Имена и даты. 14 февраля родился русский писатель Всеволод Михайлович Гаршин (1855 – 1888).

К 170-ЛЕТИЮ ВСЕВОЛОДА ГАРШИНА

ЮРИЙ БОРОДИН

ТУРЕЦКИЙ ГАМБИТ ГАРШИНА

«Война решительно не даёт мне покоя. Я ясно вижу, что она затягивается, и когда кончится — предсказать очень трудно. Наш солдат остался тем же необыкновенным солдатом, каким был всегда, но противник оказался вовсе не таким слабым, как думали, и вот уже четыре месяца, как война объявлена, а на нашей стороне ещё нет решительного успеха. А между тем каждый лишний день уносит сотни людей. Нервы, что ли, у меня так устроены, только военные телеграммы с обозначением числа убитых и раненых производят на меня действие гораздо более сильное, чем на окружающих.

Другой спокойно читает: «Потери наши незначительны, ранены такие-то офицеры, нижних чинов убито 50, ранено 100″, и ещё радуется, что мало, а у меня при чтении такого известия тотчас появляется перед глазами целая кровавая картина. Пятьдесят мёртвых, сто изувеченных — это незначительная вещь! Отчего же мы так возмущаемся, когда газеты приносят известие о каком-нибудь убийстве, когда жертвами являются несколько человек? Отчего вид пронизанных пулями трупов, лежащих на поле битвы, не поражает нас таким ужасом, как вид внутренности дома, разграбленного убийцей?..»

Так начинается один из рассказов турецкого цикла русского писателя Всеволода Гаршина, чьё 170-летие отмечается сегодня, 14 февраля.

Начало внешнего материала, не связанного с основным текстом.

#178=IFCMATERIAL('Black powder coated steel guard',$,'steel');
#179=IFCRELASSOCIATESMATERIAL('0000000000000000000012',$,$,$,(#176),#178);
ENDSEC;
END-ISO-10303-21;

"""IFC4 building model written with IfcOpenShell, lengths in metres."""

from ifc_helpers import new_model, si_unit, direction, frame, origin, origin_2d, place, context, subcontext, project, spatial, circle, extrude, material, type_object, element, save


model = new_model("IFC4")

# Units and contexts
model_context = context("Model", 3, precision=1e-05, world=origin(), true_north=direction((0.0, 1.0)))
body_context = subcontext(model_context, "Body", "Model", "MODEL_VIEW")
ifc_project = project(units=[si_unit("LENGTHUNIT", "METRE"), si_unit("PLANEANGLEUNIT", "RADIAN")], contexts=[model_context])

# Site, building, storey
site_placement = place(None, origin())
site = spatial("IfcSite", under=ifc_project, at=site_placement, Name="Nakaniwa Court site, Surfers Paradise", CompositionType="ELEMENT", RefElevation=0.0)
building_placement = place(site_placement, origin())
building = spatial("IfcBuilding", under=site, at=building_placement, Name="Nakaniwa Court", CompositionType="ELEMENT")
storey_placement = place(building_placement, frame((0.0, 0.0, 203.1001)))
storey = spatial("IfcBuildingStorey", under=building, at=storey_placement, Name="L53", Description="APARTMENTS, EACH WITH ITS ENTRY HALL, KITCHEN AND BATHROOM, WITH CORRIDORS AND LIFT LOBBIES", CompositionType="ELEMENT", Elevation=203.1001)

Старинный дворянский род Гаршиных по отцовской линии корнями уходит в Древнюю Русь золотоордынского периода.
Отец будущего писателя был морским офицером, а мать — широко образованной женщиной, живо интересовалась литературой и политикой, свободно владела несколькими иностранными языками…

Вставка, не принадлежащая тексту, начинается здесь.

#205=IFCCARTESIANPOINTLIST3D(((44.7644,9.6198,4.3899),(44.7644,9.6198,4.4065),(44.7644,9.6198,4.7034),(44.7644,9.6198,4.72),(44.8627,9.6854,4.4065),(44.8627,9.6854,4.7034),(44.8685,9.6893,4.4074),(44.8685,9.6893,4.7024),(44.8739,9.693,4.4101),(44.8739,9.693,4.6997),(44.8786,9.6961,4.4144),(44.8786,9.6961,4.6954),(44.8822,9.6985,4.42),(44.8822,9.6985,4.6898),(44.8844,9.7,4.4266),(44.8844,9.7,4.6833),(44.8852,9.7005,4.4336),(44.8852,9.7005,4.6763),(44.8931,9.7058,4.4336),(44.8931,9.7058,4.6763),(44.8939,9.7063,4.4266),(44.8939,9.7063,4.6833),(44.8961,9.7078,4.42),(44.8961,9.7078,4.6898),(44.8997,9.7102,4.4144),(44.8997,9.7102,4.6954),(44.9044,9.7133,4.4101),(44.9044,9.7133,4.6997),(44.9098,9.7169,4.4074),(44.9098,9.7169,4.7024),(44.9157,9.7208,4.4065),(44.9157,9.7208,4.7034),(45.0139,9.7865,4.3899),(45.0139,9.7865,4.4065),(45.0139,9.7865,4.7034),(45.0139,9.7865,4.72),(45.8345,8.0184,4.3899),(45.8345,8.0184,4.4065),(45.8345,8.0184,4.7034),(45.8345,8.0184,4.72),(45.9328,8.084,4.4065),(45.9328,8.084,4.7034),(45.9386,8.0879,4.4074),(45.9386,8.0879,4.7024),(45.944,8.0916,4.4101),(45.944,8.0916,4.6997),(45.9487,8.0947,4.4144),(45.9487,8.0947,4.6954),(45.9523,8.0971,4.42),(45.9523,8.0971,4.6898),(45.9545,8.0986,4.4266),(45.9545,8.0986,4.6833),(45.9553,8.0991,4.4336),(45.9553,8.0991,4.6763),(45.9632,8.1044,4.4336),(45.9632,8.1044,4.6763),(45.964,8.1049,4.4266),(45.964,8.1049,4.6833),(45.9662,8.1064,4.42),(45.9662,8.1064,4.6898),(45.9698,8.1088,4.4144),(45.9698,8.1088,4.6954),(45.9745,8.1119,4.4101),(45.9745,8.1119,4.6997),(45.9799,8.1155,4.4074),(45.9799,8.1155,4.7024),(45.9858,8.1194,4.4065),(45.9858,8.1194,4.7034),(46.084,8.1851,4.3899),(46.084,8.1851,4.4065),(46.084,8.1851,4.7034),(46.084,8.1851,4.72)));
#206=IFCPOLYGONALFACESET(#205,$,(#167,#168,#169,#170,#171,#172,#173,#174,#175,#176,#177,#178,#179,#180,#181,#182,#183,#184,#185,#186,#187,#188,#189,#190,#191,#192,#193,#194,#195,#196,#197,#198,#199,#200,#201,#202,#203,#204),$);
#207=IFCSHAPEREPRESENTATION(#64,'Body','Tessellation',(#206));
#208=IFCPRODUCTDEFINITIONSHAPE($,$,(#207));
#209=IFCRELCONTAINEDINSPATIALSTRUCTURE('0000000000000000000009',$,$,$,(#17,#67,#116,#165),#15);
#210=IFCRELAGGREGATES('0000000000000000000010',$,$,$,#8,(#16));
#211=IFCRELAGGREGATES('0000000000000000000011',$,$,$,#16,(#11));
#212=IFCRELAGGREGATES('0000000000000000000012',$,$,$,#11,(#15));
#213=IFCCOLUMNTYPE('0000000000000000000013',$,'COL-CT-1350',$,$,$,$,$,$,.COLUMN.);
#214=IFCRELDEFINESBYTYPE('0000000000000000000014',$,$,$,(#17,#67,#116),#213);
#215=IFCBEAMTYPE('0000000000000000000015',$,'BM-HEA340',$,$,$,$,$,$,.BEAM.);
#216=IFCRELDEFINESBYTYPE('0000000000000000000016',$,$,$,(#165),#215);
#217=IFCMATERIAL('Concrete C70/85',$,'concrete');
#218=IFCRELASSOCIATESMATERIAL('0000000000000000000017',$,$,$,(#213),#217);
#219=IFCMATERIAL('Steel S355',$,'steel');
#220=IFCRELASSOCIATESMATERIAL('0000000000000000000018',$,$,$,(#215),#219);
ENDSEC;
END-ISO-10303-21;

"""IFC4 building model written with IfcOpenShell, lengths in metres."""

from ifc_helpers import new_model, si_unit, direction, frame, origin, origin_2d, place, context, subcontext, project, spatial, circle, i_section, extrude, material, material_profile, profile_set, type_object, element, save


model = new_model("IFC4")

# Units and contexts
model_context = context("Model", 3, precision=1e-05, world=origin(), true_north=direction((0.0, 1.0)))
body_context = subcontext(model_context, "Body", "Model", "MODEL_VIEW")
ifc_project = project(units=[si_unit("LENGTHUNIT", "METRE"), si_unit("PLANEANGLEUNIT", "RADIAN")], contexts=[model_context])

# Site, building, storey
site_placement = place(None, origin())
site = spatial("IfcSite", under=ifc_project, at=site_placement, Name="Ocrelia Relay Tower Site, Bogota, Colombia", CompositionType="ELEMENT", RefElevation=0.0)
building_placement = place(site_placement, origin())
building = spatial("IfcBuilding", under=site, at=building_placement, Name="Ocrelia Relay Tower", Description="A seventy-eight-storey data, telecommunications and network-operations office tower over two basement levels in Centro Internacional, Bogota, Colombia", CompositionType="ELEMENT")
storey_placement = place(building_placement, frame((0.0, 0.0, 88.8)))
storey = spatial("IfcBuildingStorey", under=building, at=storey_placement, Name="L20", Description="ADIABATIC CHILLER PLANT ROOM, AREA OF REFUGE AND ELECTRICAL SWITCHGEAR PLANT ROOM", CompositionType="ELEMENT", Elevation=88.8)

Но когда я читаю рассказы Гаршина, то складывается впечатление, что автор вовсе не дворянского происхождения, а скорее разночинец, близкий духом к простым людям, понимающий досконально их жизнь, их проблемы, остро переживающий с ними малейшую несправедливость.
«Сущность личности Гаршина в том, что ему был дан «гений» жалости и сострадания, такой же сильный, как у Достоевского, но без «ницшеанских», «подпольных» и «карамазовских» ингредиентов великого писателя. Дух жалости и сострадания пронизывает всё его творчество…» — писал о Гаршине популярный в своё время литературный критик Дмитрий Святополк-Мирский.

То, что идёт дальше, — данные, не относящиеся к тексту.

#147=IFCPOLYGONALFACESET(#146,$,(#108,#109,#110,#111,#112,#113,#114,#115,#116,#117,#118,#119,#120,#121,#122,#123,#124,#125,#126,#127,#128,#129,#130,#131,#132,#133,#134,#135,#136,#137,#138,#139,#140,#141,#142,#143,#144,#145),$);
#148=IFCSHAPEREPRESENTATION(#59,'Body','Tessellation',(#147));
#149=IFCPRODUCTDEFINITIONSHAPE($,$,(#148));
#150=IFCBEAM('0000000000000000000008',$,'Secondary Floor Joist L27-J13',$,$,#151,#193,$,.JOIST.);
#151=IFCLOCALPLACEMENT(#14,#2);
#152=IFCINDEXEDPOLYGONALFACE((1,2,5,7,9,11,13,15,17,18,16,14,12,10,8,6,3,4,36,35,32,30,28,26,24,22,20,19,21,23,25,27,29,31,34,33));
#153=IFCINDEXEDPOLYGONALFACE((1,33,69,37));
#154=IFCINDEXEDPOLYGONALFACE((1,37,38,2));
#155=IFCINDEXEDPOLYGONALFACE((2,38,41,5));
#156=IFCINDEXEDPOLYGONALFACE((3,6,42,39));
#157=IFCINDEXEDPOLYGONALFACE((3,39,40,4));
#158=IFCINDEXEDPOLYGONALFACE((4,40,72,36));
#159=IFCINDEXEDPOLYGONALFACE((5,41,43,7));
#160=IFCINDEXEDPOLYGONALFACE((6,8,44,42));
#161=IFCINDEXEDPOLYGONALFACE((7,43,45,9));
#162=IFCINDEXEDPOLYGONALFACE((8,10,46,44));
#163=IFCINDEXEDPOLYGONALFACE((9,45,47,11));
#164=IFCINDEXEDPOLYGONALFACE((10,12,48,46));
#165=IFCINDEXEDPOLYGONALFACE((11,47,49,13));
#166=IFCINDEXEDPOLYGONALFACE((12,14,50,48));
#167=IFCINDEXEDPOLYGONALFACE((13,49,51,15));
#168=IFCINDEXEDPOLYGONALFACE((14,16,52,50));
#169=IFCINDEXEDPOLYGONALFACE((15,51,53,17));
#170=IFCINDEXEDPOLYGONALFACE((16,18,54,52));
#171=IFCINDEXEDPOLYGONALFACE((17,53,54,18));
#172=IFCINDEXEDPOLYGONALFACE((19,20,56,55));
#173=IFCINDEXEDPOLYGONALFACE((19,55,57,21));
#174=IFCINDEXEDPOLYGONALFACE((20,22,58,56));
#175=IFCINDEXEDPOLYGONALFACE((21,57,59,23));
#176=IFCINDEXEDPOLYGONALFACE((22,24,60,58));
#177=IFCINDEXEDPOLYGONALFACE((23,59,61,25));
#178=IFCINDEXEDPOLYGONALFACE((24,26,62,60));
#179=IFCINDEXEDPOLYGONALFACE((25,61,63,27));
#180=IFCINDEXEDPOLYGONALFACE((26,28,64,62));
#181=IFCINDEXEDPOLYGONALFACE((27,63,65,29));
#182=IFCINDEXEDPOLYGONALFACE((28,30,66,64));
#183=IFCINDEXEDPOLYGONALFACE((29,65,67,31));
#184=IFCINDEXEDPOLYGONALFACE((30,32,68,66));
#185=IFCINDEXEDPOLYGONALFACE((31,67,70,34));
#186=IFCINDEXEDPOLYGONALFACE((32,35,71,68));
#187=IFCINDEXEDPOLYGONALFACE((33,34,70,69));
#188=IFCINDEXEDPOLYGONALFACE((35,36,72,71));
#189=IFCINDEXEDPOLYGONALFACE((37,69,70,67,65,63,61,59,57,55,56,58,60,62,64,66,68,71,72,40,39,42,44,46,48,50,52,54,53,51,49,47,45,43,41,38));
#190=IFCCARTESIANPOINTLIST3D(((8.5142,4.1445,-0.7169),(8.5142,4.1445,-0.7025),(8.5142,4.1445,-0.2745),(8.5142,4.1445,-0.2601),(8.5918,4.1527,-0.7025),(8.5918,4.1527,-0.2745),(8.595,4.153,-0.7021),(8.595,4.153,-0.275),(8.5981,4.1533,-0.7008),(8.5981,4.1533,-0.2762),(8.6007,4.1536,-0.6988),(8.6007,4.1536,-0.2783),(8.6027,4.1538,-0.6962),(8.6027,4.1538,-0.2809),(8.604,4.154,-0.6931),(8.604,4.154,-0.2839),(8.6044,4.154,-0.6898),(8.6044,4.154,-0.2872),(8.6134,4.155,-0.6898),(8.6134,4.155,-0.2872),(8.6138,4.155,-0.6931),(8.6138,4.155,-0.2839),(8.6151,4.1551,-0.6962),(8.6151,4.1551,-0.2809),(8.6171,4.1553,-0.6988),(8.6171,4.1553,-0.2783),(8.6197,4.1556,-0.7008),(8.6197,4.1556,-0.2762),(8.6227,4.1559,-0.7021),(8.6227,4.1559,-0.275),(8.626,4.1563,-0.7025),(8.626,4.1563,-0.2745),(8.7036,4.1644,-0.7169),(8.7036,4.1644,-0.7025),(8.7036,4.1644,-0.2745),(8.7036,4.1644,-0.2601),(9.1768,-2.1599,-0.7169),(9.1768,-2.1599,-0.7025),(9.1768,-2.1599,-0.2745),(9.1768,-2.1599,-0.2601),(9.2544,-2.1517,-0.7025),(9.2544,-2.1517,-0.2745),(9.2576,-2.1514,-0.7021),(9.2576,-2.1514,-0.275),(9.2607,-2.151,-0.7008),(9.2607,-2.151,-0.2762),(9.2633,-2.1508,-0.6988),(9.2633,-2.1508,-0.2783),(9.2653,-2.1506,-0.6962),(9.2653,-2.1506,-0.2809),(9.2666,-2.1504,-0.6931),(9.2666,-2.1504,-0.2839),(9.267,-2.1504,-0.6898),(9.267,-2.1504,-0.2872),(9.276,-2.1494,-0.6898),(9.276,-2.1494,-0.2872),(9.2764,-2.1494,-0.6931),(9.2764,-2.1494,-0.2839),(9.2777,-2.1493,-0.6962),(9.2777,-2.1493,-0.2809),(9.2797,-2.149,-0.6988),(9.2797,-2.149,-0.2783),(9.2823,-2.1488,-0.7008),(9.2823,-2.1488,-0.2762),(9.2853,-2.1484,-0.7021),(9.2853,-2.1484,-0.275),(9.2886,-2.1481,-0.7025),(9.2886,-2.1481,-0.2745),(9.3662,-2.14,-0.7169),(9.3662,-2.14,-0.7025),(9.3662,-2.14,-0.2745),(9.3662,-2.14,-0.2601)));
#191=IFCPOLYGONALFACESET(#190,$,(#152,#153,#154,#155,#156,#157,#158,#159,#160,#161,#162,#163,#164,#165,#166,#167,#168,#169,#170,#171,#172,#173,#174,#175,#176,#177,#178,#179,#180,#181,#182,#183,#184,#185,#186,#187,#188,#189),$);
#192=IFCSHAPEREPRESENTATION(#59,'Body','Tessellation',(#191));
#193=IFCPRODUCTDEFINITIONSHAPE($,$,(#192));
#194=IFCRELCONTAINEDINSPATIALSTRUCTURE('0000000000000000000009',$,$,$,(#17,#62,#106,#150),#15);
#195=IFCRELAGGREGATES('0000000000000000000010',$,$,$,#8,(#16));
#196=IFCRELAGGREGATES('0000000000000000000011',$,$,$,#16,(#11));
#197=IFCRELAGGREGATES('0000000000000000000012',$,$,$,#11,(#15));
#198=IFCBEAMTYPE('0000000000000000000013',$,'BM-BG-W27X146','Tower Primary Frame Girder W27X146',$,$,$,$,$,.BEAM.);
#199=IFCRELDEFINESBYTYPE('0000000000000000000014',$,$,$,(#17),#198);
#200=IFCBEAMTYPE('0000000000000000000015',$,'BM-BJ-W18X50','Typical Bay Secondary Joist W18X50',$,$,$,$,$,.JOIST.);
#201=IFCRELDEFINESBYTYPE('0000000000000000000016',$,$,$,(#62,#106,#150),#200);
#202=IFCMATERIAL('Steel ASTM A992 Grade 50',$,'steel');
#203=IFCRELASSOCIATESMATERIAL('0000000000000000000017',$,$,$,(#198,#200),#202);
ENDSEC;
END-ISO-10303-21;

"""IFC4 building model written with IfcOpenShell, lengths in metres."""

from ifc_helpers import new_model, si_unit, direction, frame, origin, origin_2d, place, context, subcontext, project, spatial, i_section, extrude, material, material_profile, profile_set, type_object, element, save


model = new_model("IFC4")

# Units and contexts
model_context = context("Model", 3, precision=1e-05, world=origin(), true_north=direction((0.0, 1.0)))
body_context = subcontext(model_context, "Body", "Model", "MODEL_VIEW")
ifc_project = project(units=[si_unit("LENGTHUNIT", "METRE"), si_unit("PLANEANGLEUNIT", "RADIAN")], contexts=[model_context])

Совестливость и человеколюбие — чувства, весьма далёкие от малейшего сословного чванства, — никогда не давали покоя Гаршину, не позволяли ему оставаться в стороне от чужой боли. И всё это обострялось обнажённой психикой писателя — травмой детства.
Когда Всеволоду исполнилось пять лет, мать бросила семью ради воспитателя своих детей Петра Завадского, организатора тайного политического общества, и после ареста последовала за ним в ссылку (поступок, однако). Всё это имело тяжёлые последствия для Всеволода, нервного и впечатлительного ребёнка. В дальнейшем он постоянно страдал тяжёлыми приступами нервного расстройства. Это, наверно, в конце концов, и явилось импульсом для самоубийства писателя.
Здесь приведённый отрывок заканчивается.